Use common sense when taking the baby out for a stroll. Check the thermometer and take the wind into consideration. When the temperature is below -10°C and there is strong wind, it is best to keep the baby indoors. Gradually increase the time spent outside.

You can, of course, take the baby out in the car right away.

For traffic safety, it's best for the baby to sit in a rear-facing infant car seat, where the impact from a collision is distributed across the entire back. However, children should not sit in the seat for too long. Physiotherapists recommend that the baby should only sit for a maximum of 30 minutes at a time, especially in the beginning.
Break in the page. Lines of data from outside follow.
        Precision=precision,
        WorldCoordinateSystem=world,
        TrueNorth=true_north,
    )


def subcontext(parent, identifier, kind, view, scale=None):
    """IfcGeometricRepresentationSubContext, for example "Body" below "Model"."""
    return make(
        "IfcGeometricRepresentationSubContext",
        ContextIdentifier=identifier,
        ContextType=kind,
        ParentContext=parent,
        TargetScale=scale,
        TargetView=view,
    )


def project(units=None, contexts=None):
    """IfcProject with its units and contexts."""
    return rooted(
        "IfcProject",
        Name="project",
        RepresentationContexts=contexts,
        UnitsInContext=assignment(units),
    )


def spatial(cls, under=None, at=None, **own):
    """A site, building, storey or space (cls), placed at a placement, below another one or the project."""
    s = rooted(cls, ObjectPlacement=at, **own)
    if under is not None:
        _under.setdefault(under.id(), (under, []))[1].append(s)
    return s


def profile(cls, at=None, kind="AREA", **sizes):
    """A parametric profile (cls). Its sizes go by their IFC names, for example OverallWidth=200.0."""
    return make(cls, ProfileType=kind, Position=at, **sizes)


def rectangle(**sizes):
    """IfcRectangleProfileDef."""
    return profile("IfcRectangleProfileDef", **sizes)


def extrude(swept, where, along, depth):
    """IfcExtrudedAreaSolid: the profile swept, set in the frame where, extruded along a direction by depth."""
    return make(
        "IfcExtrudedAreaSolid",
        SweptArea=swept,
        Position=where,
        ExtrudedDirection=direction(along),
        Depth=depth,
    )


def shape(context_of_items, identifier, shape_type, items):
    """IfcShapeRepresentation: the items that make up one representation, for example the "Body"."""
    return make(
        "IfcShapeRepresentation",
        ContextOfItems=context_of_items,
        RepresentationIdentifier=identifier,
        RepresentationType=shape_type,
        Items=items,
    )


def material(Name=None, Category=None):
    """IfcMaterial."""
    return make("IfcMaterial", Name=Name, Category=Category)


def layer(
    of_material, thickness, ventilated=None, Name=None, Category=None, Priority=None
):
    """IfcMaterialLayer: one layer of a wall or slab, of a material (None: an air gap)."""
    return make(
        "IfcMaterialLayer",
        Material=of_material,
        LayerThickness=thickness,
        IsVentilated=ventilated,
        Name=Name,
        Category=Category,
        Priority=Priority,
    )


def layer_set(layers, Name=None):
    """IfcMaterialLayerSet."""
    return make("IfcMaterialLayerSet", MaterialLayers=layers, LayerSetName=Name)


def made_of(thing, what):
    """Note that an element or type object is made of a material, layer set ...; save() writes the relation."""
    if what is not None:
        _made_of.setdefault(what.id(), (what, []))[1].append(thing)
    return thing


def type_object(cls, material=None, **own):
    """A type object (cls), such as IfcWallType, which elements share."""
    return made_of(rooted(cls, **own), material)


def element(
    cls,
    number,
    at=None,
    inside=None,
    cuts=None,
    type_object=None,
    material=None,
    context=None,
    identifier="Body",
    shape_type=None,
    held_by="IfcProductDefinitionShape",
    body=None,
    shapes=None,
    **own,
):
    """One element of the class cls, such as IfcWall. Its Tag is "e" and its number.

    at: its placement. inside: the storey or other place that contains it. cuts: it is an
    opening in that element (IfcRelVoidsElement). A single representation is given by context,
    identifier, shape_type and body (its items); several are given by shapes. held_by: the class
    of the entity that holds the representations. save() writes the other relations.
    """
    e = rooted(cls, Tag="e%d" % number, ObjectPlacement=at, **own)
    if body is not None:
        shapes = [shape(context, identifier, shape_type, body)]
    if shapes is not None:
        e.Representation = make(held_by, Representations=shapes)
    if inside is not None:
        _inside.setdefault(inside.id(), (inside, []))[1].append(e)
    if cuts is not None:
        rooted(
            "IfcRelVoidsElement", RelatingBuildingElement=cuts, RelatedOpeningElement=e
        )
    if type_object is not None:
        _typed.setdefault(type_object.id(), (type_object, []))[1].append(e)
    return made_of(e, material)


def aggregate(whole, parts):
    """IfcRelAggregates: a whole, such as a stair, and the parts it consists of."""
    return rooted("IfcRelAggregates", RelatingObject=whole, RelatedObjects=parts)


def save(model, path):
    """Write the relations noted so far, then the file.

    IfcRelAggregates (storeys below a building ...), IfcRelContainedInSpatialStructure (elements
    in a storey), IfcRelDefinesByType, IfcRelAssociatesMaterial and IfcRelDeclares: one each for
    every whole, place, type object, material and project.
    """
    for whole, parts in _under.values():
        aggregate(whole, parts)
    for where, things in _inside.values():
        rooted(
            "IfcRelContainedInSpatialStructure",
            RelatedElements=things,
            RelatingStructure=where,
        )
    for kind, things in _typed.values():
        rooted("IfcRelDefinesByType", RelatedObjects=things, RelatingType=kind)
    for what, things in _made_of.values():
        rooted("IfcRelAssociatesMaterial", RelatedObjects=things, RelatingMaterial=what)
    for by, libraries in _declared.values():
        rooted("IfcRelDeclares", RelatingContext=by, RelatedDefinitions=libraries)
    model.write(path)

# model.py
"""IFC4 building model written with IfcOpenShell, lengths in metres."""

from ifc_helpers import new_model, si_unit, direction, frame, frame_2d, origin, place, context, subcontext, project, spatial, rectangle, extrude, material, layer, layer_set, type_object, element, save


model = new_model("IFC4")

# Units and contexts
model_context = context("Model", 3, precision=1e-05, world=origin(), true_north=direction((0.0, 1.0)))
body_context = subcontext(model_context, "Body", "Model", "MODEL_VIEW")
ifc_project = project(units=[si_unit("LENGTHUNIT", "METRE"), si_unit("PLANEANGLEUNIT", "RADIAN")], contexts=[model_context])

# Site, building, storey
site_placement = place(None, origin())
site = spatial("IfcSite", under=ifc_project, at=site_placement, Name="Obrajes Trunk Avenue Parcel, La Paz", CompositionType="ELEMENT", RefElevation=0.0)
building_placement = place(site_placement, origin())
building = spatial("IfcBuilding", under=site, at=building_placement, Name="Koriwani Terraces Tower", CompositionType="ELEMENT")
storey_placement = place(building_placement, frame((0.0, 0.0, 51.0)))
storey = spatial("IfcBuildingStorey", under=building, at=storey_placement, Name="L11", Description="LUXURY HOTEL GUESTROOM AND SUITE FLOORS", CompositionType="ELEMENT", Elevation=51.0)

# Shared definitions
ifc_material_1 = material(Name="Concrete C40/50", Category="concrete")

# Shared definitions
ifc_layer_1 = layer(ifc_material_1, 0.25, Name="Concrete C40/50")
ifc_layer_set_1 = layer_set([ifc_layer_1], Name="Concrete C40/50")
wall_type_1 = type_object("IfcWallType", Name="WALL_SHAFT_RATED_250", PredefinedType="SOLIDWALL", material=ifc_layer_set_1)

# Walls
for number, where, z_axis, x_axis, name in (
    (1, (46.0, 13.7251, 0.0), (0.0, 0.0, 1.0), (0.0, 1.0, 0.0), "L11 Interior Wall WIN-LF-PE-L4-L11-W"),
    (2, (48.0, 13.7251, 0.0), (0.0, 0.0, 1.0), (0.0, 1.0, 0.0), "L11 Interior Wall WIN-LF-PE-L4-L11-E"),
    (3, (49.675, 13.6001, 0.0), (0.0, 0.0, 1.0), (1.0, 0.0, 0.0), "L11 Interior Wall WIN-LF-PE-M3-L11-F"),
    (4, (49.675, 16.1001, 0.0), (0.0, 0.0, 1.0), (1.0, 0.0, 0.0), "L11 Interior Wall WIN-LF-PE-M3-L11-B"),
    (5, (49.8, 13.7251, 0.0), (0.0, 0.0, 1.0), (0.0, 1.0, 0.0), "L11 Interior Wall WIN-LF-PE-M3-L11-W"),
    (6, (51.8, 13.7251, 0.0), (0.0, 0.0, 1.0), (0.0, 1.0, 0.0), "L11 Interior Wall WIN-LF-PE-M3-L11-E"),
Please refer to specific brochures for guidelines on how to secure children in cars, or visit the websites of Trygg Trafikk for helpful information, Norwegian Council for Road Safety  - Trygg Trafikk

Some of the smallest preterm infants may be especially vulnerable to infectious diseases after leaving the hospital.

To minimize the risk of exposing your baby to unnecessary infections:

  • Avoid visitors who are sick or have a cold, both children and adults.
  • Avoid taking the baby to places with a higher risk of infection, such as shopping malls or large gatherings.
  • If parents or siblings are sick:
    • Practice good hand hygiene.
    • Avoid coughing or sneezing near the baby.
    • Refrain from kissing the baby.

These precautions help protect the baby from potential infections as their immune system continues to develop.

Premature babies often experience lung problems during the newborn period. Some may have been on a ventilator, and some may have required oxygen for several weeks. All infants, especially preterm ones, have sensitive mucous membranes in their airways and lungs.

Due to this, they are more vulnerable to lung diseases such as bronchitis and pneumonia.

Avoid Smoking:

  • Tobacco smoke irritates the airways, so it is important to avoid smoking in the room or home where the baby is.
  • Research has shown that the nicotine content in breast milk is four times higher than in the mother's blood.

This is a strong reason to quit smoking. If quitting is not possible, it is best to smoke right after breastfeeding when the breast is empty. This allows the maximum amount of nicotine to leave the body before the next milk production for the next feeding.